Strawberry Mansion Community Development Corporation scored a victory in their fight to preserve their community.
City Councilmembers unanimously approved Thursday a bill that would convert a section of the North Philadelphia neighborhood into a Neighborhood Conservation Overlay District.
The new designation would enforce a series of neighborhood-specific building regulations on new construction to retain the historic character of the neighborhood where some of the housing stock goes back more than 100 years.
President of the SMCDC Tonnetta Graham said they’re excited, but “the work continues.”
“This overlay was really important for those of us who love Strawberry Mansion who have been here for generations and would like to continue to see it grow and flourish but yet keep its character that we know it to be,” Graham said.
With the bills passing, homes on streets between 50 feet and 75 feet wide can’t rise higher than 35 feet, about three stories. Those on streets less than 50 feet wide are restricted to a height of 25 feet, about two stories. Building materials such as vinyl, stucco, horizontal aluminum, and concrete masonry units on building facades “visible from a public right-of-way” would be banned.

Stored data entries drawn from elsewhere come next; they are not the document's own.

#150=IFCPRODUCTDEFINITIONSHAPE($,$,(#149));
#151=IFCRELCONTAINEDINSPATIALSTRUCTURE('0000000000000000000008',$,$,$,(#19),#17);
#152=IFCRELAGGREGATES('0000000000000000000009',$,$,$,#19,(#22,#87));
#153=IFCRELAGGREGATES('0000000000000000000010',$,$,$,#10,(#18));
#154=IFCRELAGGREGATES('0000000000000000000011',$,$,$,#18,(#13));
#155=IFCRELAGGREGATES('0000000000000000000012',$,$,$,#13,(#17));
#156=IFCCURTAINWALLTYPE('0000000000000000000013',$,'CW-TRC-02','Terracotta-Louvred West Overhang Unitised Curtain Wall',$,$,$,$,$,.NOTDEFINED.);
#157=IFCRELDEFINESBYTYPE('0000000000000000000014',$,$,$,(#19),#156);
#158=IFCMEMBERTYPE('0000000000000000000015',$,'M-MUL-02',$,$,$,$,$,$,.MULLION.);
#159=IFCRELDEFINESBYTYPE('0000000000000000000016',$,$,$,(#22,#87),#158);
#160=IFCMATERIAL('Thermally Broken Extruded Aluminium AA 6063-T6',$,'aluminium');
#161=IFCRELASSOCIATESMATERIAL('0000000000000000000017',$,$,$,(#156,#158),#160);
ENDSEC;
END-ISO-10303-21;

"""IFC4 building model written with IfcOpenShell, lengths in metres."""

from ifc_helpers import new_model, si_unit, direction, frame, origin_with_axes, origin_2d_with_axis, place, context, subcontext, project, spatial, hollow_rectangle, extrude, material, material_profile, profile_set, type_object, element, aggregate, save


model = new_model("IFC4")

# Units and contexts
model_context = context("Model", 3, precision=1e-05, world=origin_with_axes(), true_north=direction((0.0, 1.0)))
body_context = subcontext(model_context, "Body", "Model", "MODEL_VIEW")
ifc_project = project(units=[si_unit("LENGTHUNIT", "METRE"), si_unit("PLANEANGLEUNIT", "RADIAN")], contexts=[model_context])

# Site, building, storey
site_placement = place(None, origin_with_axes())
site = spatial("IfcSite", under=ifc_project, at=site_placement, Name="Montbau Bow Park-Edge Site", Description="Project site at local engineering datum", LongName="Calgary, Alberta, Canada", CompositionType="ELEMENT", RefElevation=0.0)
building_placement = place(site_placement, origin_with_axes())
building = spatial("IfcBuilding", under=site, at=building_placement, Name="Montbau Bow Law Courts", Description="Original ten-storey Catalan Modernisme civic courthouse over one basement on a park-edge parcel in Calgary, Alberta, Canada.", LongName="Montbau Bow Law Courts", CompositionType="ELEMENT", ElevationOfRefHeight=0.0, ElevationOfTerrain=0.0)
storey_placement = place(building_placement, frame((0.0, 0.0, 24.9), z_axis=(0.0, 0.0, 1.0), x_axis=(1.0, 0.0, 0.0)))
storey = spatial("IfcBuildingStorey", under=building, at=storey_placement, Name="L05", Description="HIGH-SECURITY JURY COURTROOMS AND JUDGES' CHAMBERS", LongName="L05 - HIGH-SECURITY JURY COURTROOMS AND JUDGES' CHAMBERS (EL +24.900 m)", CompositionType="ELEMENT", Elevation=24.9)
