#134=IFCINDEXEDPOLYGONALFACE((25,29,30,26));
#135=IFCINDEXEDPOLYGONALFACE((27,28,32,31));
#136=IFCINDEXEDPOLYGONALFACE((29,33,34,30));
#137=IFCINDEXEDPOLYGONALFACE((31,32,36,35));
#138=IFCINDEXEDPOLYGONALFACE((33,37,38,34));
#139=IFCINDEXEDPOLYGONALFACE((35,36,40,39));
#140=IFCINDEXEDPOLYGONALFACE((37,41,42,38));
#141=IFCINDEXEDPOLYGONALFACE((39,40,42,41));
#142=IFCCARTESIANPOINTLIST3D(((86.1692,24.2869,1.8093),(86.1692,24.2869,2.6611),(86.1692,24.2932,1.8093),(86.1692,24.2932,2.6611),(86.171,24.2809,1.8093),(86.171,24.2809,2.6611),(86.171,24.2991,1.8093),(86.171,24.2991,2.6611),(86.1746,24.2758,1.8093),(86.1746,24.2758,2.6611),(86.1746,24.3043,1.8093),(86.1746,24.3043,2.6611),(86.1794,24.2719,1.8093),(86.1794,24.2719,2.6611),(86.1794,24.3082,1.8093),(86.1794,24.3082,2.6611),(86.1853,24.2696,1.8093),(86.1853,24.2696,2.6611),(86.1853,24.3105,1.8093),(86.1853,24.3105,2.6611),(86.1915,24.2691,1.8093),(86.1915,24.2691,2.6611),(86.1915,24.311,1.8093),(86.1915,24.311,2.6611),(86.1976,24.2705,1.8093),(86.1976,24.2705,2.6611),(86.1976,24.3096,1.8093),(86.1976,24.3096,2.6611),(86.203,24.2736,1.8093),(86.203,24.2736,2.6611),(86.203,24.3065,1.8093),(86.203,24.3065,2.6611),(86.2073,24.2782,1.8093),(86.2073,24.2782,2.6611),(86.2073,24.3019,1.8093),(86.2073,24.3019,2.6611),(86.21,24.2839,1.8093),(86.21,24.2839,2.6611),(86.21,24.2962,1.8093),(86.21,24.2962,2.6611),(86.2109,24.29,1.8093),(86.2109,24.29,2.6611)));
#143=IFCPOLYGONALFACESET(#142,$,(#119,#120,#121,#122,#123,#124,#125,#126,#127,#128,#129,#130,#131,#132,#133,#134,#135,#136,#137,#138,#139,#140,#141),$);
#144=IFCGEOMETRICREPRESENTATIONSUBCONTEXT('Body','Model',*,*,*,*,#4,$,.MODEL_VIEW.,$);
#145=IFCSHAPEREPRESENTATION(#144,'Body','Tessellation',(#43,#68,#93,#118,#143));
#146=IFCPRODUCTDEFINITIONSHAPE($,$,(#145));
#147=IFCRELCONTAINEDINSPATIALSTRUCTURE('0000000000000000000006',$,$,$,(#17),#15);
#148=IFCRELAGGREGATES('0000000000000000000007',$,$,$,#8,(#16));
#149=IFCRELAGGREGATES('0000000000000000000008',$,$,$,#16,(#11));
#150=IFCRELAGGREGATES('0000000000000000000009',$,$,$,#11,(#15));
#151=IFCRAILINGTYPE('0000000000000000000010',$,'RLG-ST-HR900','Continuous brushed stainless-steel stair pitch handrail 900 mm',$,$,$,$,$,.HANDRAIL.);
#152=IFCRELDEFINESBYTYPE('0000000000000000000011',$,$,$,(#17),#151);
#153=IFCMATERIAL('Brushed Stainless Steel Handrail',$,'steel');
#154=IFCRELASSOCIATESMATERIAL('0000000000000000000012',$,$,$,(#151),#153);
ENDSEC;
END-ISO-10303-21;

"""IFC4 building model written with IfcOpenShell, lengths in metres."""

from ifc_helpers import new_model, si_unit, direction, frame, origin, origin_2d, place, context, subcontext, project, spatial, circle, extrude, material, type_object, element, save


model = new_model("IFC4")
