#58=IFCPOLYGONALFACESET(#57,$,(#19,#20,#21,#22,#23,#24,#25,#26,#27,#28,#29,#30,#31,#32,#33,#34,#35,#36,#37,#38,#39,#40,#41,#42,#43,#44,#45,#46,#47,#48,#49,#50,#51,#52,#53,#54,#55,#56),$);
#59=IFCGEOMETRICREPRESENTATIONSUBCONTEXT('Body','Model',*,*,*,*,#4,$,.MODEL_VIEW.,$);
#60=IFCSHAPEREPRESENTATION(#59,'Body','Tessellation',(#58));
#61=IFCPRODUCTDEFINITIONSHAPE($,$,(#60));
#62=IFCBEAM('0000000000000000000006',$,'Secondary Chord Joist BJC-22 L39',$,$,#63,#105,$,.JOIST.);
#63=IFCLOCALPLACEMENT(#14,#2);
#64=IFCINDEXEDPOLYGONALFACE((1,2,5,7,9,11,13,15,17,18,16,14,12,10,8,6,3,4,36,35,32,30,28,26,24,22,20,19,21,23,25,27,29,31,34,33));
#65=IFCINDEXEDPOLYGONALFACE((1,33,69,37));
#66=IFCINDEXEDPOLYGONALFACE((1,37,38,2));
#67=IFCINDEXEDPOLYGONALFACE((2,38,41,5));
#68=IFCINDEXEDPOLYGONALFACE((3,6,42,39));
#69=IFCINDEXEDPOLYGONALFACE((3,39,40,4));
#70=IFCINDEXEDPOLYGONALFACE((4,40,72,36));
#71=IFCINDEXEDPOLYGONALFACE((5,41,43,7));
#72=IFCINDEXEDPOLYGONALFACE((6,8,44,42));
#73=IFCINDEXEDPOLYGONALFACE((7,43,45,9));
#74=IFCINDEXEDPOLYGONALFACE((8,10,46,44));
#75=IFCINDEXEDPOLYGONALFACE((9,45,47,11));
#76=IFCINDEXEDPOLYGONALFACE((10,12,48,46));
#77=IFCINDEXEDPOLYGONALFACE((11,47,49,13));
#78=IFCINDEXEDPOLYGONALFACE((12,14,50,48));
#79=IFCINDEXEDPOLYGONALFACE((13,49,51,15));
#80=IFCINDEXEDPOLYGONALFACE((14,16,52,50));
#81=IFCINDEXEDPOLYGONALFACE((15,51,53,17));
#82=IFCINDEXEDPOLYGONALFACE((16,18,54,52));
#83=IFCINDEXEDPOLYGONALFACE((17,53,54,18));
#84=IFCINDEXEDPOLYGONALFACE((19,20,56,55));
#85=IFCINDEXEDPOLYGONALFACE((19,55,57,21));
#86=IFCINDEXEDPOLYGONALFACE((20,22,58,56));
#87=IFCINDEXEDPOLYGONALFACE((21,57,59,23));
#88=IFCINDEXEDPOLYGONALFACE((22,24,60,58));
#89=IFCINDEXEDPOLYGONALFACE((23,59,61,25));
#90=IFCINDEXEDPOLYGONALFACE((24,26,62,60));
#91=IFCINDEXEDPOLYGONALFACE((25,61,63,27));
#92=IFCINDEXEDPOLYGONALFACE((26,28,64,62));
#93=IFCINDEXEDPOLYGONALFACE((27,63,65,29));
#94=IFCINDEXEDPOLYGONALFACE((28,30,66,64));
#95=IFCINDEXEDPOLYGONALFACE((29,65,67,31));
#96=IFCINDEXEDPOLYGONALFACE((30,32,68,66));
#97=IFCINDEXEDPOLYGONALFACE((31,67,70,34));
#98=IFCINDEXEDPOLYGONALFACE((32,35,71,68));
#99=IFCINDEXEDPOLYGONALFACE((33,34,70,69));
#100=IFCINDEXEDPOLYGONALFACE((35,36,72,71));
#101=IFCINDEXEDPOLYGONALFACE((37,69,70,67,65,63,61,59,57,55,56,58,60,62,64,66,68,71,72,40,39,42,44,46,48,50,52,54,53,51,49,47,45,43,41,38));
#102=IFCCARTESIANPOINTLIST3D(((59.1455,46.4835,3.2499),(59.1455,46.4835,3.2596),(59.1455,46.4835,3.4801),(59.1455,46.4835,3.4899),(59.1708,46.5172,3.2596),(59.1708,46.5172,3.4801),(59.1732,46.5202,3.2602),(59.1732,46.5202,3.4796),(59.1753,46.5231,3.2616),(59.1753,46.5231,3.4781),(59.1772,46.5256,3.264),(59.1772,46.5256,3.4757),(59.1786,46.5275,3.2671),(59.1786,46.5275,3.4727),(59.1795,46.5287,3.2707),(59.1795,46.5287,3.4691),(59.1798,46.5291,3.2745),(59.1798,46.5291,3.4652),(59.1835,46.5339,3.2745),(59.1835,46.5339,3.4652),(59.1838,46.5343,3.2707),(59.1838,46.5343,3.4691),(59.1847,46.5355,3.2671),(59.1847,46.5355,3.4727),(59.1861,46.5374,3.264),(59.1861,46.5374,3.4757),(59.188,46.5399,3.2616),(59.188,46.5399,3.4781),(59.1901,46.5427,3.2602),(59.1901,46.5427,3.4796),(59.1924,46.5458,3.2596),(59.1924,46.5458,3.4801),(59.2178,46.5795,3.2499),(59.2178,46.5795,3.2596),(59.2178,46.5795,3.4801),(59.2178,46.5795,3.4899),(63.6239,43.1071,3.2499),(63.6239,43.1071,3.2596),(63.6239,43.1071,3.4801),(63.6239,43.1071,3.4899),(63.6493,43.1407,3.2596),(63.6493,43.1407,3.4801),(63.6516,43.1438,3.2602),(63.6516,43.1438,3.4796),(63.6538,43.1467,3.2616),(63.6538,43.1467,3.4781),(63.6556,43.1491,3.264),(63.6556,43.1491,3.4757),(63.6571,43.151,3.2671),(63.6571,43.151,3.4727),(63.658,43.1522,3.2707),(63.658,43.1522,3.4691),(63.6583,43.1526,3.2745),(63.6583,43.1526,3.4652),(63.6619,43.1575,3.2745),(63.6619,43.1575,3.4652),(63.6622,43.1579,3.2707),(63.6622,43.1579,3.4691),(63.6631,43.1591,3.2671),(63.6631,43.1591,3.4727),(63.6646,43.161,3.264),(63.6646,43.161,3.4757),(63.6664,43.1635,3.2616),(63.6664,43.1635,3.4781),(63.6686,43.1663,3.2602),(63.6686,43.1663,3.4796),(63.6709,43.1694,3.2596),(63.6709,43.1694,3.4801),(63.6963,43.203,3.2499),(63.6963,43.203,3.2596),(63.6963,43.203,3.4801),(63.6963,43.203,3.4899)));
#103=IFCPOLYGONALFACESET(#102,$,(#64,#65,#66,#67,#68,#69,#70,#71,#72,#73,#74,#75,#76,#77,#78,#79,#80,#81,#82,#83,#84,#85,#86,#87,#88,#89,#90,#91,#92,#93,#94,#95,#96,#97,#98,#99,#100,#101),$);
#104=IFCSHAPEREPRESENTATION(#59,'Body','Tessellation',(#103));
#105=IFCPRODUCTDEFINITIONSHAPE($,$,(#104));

The bill also requires that some houses have porches, and bans roof decks, while also discouraging density by denying bonuses for “dwelling unit density” and “height and density.”
The Strawberry Mansion conservation district will be the city’s seventh such district, joining a group that includes Queen Village, Powelton Village, Overbrook Farms, Roxborough and Wissahickon.
The new district will have a larger percentage of Black residents than other sections of the city with the designation. Census data shows tracts that cover the proposed district have a Black population of between 86% and 97%. Preserved districts also tend to be affluent areas and in that respect, the Strawberry Mansion district will be different too as it includes census tracts where nearly half of the population lives in poverty.
“This underrepresented and underserved community should be commended for utilizing this tool that doesn’t get utilized in communities like Strawberry Mansion,” Graham said.
Daniel Trubman, a member of the local urbanist political action committee 5th Square, testified against the bill prior to the vote. He said setting development standards should be “a citywide process.”
Trubman invoked Society Hill, where City Councilmember Mark Squilla, who recently tested positive for COVID-19, introduced a bill in January that would place a height restriction on a stretch of Walnut Street, increase parking requirements and eliminate zoning bonuses tied to historic preservation.
Mayor Jim Kenney vetoed the Society Hill bill in October after it too passed council unanimously. Trubman expressed hope that Kenney would do the same for the Strawberry Mansion bill.
“I am afraid it is going to lead to a cycle where each neighborhood attempts to get a different form of downzoning, which will only exacerbate the citywide [affordability] issue,” Trubman said.
Council ultimately overruled Kenney’s veto of the Society Hill overlay and Lauren Cox, a spokesperson for the mayor, said Thursday that while the city’s Law Department must still review the bill, Kenney “intends to sign it.”
Graham said the purpose of the bill is to give Strawberry Mansion residents a say in what gets built in their community, and that the mayor understands “our love for our community” and “our “commitment for our community.”
The proposed NCO restrictions would cover residential structures within the area bounded by Lehigh Avenue, 29th Street, Dauphin Street, and 33rd Street; to all lots in the area bounded by Dauphin Street, 29th Street, Norris Street, and 33rd Street; and to all lots in the area bounded by Norris Street, 29th Street, Sedgley Avenue, Montgomery Avenue, Conrail Right-Of-Way, Oxford Street, and 33rd Street.